I can see it. It stands nicely as a poetic piece...

...But if, say, a chorus was added, one might could sing it like a drunken sailor. ;}


----------



## Boofy (Sep 17, 2015)

Ah, now there is an idea, first mate Growls. You're on! :3


----------



## Bard_Daniel (Sep 17, 2015)

Nice! It had a crisp quality to the lines. The metaphor you were working with was well done as well.

Cheers Boofles!


----------



## Boofy (Sep 18, 2015)

danielstj said:


> Nice! It had a crisp quality to the lines. The metaphor you were working with was well done as well.
> 
> Cheers Boofles!


Aw, Daniel, thank you! :3 And a Boofles to boot.
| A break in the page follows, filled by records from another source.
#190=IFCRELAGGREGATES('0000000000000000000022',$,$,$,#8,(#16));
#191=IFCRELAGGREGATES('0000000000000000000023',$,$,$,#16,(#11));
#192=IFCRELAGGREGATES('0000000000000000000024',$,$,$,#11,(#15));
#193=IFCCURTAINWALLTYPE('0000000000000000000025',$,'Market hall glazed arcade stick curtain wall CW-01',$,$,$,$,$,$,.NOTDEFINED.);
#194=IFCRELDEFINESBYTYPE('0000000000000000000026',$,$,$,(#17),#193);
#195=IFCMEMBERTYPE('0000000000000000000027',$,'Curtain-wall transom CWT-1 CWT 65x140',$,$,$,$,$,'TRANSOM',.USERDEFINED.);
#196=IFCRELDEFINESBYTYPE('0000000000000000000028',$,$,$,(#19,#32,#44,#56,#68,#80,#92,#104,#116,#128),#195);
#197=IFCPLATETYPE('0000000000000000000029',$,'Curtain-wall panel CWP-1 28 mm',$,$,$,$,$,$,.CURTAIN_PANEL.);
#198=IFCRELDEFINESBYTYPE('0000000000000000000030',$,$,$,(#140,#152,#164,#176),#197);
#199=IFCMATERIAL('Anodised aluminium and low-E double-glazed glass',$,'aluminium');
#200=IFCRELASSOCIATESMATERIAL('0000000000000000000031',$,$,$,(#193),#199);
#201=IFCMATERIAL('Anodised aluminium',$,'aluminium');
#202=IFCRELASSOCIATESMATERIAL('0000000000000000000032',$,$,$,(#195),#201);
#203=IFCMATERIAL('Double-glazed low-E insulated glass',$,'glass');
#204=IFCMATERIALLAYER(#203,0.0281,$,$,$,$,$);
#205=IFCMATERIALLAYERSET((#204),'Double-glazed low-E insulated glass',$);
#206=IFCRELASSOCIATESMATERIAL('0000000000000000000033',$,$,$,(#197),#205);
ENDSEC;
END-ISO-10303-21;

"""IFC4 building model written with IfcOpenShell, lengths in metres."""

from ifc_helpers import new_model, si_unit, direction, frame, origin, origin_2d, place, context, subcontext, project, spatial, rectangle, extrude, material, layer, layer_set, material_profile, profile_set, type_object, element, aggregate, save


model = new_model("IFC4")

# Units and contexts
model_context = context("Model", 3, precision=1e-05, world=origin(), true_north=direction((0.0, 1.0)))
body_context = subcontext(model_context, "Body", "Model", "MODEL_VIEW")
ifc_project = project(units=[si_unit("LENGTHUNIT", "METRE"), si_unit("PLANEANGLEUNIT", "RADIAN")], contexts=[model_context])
Ain't this day already great?

I guess this one was a jokey piece about people not sticking with relationships. Doesn't matter where you jump ship to. You're on the high seas. Unless you become a landlubber (more commonly known as the bachelor) you're going to end up with the same problems eventually. Captain a ship and go down with her if need be, damn it. That is your job. You can't just up sticks and abandon ship at the first sign of trouble. Unless there is absolutely nothing to salvage, surely that original love can be brought to the fore again? Surely your first thought should be for the relationship, and not for a do-over. You've got to know the next one is going to be just as hard.
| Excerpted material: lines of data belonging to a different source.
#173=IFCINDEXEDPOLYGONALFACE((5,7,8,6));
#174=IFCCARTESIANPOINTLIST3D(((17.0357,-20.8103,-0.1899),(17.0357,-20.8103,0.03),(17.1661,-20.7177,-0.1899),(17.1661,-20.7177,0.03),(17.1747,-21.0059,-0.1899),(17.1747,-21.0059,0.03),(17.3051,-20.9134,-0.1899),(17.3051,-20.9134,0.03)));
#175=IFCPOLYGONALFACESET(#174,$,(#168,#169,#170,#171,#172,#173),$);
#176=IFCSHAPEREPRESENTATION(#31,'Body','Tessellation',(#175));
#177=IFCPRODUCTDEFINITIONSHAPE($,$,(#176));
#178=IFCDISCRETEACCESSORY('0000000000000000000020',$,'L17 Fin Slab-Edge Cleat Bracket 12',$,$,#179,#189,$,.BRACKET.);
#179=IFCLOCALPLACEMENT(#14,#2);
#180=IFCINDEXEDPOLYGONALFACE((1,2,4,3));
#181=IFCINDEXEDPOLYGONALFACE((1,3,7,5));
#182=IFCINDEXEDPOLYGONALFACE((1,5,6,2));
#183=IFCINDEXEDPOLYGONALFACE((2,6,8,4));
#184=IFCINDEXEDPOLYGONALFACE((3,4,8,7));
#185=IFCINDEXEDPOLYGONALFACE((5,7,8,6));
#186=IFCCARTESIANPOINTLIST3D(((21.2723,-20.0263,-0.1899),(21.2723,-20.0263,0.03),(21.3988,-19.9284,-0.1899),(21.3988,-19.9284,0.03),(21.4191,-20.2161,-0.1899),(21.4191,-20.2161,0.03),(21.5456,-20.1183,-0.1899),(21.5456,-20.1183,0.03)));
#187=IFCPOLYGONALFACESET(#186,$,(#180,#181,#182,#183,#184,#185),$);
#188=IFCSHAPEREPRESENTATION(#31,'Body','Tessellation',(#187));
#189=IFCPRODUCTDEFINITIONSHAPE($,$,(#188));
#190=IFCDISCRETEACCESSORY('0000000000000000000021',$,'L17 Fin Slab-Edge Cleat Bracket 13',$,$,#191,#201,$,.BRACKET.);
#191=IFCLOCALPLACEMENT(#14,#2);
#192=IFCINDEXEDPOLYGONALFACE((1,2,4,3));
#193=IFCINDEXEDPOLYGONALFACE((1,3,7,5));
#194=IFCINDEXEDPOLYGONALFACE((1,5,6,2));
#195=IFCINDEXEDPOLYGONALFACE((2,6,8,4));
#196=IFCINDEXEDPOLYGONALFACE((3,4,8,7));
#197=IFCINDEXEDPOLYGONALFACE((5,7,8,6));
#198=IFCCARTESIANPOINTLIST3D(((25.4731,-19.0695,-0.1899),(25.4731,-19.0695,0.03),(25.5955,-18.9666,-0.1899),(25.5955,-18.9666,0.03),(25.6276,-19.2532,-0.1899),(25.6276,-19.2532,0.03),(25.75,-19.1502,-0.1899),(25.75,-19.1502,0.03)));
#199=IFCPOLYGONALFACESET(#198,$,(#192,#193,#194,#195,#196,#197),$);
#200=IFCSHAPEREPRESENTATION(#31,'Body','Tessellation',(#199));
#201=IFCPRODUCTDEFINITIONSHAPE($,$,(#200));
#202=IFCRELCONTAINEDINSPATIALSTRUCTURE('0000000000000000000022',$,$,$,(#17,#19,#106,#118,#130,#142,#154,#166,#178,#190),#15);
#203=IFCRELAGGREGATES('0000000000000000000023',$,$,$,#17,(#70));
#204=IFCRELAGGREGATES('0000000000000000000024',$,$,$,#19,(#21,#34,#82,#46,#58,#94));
Everything is instant gratification these days. You can instant message, there's fast food, billions of apps and convenience items, all seemingly designed to destroy what was left of our concept of patience. My sister has had four fiancée's in as many years. I can't help but think that society's new definition of "the one" is flawed if we insist on finding a partner without any baggage or upkeep. Romance as a genre gave us hefty expectations but, unlike in the stories, the honeymoon stage isn't everlasting. That is why we named it so. There is a good reason why the guy-gets-girl scene typically comes riiiiiiight at the end of a movie. ;D

Tah for reading, Mr ^^


----------



## Mesafalcon (Sep 18, 2015)

*Relation**ships*

I like when people do creative stuff like this. I was expecting some poem about the ocean.

+1 on that directly from the falcon's mouth - or beak?


----------



## Boofy (Sep 18, 2015)

Silly wordplay is just about my favourite thing, Mesa. I actually have rocks with "ON" and "'N' Roll" painted on them in bold print. I am rather pleased with it myself, as titles go, Really glad you're on board! :3

And thanks so much for the +1! I am going with beak. Beak feels right to me. ^^


----------



## Mesafalcon (Sep 18, 2015)

Boofy said:


> Silly wordplay is just about my favourite thing, Mesa.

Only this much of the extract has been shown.